We must proceed here with caution and have a common understanding of the decision-making process before implementation. At the same time, the NAIC is developing its own regtech, including investigating artificial intelligence and predictive analytics. We see great promise in these technologies to make regulation smarter and more efficient.

Regulatory Innovation

Just as insurers are benefitting from data analytics, State Ahead outlines new technology in business intelligence and data analytics to improve the efficiency and effectiveness for state insurance regulators. Enhancing financial analysis and examination tools to incorporate more powerful visualizations and drill-down capability is the initial step.

We see a future where regulators have access to point-in-time financial measurements in conjunction with data analytics to produce real-time – if not predictive – market insights.

The next phase includes building an analytics data warehouse to support machine learning functions and exploring AI disciplines. These developments will improve macroprudential surveillance activities for identifying financial stability concerns both to and from the insurance industry.

Cybersecurity

Insurance companies are particularly attractive targets for hackers, due to the amount and sensitivity of data they collect. To address this threat, the NAIC is advancing a number of initiatives to address cybersecurity from an industry and internal NAIC systems perspective. We are creating a Cybersecurity Insurance Institute to centralize our efforts.

In addition to being responsible for their own cybersecurity, insurers are also underwriting commercial cybersecurity policies. The global market for cyber insurance purchased by businesses is growing – and quickly. Cybersecurity insurance is a relatively new product and collecting information regarding its penetration is vital to understanding the new market.

Data Analytics

As data becomes cheaper and easier to obtain, insurers are increasing the use of analytical tools to assess risk and predict losses. In addition, companies are collecting nontraditional data to assist with ratemaking, underwriting, claim settlement and customer engagement.
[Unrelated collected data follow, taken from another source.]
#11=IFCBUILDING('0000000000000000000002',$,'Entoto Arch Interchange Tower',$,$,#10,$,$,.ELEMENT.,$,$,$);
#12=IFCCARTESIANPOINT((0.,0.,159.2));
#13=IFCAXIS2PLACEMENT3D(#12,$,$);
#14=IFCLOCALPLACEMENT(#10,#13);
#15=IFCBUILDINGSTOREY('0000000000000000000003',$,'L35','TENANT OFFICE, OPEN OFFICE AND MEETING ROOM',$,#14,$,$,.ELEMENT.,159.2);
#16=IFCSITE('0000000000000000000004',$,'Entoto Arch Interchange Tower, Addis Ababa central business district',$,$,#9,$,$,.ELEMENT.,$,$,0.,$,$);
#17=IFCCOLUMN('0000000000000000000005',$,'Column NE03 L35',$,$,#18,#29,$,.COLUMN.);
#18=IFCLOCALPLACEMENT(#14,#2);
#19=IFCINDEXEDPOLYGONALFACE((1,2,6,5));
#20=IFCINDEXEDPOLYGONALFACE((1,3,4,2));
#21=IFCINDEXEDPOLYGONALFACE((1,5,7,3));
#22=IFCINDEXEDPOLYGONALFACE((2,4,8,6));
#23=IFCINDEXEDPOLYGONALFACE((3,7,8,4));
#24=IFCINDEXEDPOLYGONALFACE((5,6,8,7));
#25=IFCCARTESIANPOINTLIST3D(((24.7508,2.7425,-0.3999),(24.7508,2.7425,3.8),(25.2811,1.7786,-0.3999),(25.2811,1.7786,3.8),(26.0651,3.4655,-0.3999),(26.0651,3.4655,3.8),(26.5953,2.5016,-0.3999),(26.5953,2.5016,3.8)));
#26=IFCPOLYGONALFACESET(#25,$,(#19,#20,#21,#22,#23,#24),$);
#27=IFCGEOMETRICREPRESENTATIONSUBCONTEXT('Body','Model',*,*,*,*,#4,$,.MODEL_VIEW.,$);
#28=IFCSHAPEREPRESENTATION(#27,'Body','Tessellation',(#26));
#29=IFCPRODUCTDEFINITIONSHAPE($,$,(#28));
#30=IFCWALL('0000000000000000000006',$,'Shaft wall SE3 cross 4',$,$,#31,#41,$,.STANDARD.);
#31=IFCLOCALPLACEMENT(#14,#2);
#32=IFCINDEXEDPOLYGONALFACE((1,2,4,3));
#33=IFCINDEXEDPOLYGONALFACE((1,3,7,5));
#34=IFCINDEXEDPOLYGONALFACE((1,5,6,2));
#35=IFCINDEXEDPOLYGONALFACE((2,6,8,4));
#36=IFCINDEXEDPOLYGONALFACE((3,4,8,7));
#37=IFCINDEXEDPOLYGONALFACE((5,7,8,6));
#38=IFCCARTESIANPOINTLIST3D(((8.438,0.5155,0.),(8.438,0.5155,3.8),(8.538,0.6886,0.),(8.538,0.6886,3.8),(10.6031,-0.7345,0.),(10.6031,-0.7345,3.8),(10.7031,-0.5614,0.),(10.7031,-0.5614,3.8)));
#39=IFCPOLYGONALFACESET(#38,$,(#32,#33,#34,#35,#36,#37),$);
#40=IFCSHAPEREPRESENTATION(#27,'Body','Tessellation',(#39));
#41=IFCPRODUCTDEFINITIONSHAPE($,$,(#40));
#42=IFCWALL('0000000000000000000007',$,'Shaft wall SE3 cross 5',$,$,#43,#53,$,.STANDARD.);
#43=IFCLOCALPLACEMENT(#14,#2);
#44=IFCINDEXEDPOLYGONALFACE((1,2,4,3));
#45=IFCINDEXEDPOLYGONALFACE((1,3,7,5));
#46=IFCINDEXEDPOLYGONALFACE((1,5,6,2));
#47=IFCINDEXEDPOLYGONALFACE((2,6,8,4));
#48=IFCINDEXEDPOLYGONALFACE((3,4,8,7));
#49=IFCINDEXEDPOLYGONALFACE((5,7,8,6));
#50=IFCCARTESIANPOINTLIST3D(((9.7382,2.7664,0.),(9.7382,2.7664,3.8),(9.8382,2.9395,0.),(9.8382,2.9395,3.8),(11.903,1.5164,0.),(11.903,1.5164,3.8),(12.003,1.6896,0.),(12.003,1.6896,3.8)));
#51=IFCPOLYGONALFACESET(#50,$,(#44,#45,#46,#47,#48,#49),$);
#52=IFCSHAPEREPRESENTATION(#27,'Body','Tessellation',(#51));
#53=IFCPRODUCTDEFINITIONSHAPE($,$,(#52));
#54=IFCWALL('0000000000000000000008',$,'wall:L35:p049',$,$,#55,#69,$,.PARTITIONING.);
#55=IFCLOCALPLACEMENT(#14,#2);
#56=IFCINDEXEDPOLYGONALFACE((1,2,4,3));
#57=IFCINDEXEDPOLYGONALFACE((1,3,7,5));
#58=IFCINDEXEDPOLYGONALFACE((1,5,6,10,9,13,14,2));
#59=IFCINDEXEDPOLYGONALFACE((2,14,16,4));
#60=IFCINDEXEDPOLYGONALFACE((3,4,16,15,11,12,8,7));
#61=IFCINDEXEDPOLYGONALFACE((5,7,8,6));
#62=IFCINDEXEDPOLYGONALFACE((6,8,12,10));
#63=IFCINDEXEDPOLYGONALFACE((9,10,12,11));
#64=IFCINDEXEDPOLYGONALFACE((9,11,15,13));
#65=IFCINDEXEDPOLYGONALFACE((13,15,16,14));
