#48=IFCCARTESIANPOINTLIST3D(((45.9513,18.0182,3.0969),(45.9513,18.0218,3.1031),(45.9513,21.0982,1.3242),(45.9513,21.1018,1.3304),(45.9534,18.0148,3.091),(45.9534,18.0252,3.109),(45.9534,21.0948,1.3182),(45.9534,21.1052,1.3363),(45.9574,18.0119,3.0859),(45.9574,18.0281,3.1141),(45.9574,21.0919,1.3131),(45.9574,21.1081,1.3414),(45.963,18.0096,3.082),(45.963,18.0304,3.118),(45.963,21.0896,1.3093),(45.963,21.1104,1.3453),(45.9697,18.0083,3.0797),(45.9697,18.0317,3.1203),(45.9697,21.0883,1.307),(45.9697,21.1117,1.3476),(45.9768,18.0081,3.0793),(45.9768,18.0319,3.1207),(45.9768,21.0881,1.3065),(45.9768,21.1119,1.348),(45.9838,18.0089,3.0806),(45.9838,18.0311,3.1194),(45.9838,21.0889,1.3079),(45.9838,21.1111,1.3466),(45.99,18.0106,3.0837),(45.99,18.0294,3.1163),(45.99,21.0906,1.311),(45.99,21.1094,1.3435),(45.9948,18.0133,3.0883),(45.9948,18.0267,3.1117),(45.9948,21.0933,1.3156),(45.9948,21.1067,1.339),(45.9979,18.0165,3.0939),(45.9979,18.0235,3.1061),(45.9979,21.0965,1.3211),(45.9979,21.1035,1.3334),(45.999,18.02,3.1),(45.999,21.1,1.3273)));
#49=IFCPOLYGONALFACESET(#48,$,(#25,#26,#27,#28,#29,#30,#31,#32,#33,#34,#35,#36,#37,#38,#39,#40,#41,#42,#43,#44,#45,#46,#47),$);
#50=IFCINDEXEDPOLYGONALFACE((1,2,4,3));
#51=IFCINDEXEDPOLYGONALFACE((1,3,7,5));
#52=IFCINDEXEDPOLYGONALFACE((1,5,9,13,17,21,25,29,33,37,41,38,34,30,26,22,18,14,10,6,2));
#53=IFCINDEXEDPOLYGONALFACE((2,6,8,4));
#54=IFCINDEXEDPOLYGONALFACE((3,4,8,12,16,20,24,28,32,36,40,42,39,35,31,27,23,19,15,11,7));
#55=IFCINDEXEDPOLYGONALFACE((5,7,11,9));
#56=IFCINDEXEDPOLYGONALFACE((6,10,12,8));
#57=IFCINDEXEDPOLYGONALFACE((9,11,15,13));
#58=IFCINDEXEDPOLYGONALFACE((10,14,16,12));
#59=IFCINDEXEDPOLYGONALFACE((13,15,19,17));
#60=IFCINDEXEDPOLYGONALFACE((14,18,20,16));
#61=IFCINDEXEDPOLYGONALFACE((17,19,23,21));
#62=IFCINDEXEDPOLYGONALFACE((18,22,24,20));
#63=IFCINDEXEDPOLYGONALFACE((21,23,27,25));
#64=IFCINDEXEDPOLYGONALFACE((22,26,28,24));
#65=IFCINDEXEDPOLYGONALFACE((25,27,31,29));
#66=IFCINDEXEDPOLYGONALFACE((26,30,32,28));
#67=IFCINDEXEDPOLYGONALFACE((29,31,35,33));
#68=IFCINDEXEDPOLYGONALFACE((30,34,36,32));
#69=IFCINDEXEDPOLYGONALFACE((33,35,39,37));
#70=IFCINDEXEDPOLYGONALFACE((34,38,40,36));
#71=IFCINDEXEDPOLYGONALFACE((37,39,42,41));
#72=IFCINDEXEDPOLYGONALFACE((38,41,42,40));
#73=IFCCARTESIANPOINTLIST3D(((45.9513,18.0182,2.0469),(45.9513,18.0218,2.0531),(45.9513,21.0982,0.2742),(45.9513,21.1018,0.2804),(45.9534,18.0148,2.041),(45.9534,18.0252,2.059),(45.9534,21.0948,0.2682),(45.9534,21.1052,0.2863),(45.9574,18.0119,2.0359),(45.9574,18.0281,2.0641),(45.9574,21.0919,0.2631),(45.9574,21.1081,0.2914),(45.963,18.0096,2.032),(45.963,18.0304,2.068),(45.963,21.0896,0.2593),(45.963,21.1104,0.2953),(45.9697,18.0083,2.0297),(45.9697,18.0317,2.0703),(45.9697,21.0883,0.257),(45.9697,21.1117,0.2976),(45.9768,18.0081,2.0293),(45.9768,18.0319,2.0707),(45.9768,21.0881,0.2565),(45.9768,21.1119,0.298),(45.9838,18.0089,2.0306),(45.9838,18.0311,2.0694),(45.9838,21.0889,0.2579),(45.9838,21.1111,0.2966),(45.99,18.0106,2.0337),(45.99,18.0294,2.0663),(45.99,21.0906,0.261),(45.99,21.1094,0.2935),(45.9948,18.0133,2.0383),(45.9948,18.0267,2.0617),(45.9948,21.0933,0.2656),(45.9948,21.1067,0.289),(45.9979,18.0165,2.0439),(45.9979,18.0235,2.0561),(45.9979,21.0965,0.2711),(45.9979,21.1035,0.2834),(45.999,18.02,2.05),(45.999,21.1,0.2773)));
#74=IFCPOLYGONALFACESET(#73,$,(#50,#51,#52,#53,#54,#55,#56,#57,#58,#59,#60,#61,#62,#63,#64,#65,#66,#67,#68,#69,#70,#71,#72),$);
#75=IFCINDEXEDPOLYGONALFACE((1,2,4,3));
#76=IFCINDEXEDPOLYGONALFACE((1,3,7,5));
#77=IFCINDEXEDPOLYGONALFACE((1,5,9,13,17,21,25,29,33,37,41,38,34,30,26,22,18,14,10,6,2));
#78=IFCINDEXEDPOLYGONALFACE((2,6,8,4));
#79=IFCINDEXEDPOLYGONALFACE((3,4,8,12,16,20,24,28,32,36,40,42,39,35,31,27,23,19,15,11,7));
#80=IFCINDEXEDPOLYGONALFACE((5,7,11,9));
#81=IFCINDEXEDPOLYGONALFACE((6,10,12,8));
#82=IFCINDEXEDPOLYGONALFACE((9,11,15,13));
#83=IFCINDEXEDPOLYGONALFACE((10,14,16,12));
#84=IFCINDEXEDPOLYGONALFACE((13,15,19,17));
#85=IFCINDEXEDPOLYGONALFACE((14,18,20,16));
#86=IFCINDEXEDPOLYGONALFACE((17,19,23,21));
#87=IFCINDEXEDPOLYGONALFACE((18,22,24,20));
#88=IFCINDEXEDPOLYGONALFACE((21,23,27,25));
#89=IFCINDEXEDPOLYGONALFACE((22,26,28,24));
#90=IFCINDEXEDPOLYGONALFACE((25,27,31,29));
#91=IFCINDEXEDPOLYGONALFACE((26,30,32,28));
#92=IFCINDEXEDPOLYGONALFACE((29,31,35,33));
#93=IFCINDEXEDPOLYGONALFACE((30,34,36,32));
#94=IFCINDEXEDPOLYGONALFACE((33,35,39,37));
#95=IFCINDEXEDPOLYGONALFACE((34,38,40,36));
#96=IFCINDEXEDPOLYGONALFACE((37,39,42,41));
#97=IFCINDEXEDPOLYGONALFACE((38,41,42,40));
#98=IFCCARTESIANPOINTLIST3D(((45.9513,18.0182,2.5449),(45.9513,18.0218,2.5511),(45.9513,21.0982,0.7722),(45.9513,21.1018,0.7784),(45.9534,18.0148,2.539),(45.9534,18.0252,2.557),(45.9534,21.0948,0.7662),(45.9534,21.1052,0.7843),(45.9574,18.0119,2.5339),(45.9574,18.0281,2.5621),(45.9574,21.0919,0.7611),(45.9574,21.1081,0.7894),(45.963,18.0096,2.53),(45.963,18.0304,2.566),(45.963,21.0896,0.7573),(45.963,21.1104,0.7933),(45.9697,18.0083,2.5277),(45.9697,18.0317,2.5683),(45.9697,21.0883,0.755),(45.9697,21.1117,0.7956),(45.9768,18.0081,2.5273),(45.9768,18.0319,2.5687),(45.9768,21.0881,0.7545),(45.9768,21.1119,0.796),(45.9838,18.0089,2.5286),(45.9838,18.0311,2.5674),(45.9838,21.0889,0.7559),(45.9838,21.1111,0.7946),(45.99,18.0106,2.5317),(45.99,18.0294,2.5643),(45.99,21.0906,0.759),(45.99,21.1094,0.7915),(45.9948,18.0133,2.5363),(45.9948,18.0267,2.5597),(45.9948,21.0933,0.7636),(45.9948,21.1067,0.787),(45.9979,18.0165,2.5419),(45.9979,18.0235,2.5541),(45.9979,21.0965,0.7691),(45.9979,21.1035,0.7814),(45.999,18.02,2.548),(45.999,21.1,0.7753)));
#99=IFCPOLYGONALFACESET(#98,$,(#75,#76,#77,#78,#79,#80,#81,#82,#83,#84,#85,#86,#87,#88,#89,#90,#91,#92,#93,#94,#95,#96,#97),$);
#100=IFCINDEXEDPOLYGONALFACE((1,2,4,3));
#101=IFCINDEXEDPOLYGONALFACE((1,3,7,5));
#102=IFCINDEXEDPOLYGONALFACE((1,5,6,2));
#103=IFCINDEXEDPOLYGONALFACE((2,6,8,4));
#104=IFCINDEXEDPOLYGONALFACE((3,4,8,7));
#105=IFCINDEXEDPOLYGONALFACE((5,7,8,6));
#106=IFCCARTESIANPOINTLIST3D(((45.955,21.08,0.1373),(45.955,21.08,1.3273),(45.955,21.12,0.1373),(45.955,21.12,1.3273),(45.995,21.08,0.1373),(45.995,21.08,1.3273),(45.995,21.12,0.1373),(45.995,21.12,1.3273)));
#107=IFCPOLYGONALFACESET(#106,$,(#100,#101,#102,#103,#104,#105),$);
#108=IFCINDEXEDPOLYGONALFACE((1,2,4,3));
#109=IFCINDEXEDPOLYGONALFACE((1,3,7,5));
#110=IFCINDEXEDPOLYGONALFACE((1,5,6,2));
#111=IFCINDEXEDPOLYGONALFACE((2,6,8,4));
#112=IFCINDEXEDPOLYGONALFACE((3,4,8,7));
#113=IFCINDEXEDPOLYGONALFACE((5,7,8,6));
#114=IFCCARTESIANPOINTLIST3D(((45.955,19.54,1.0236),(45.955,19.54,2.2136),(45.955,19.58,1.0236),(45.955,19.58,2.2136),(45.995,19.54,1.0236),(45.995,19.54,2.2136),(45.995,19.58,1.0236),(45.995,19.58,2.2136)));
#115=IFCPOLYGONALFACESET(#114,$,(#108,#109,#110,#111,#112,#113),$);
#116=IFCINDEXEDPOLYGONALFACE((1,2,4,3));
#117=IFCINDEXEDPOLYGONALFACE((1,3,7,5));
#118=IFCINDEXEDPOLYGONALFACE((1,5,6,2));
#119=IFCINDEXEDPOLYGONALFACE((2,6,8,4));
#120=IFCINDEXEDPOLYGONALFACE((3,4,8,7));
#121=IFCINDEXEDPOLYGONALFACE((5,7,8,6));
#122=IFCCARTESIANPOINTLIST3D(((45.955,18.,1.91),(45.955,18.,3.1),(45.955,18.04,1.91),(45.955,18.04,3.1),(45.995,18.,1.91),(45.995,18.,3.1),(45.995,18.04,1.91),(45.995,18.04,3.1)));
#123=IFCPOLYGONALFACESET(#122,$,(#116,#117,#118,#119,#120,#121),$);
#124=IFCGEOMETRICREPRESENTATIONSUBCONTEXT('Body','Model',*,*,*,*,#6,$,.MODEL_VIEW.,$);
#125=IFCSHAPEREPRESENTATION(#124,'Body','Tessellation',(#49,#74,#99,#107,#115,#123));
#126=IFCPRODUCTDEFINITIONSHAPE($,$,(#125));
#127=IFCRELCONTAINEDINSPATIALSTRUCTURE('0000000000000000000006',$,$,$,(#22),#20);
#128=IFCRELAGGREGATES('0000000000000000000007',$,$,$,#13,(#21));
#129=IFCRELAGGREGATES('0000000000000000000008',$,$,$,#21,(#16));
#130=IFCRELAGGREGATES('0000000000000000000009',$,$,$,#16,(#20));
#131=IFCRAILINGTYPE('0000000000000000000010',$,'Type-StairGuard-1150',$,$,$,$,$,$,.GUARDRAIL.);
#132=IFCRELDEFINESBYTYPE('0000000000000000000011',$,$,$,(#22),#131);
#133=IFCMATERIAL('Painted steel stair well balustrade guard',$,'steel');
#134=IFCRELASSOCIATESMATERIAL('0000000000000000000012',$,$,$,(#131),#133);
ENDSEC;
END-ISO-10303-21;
Through predictive analytics, companies are using complex models for marketing and pricing and more deeply engaging policyholders throughout the life of insurance products. Examples include insurers sending alerts about severe weather and coaching consumers regarding health and lifestyle choices based on feedback from wearable devices.

When properly managed, data analysis can improve how an insurer does business and can benefit policyholders. Innovations allow insurers to price more accurately. However, regulators will verify companies aren’t using rating factors, either directly or as a proxy, violating laws or harming consumers.

Conclusion

State regulators welcome the positive potential that technology and innovation can have on consumers and companies alike, but we will be vigilant to ensure policyholders remain protected and companies manage their risk appropriately.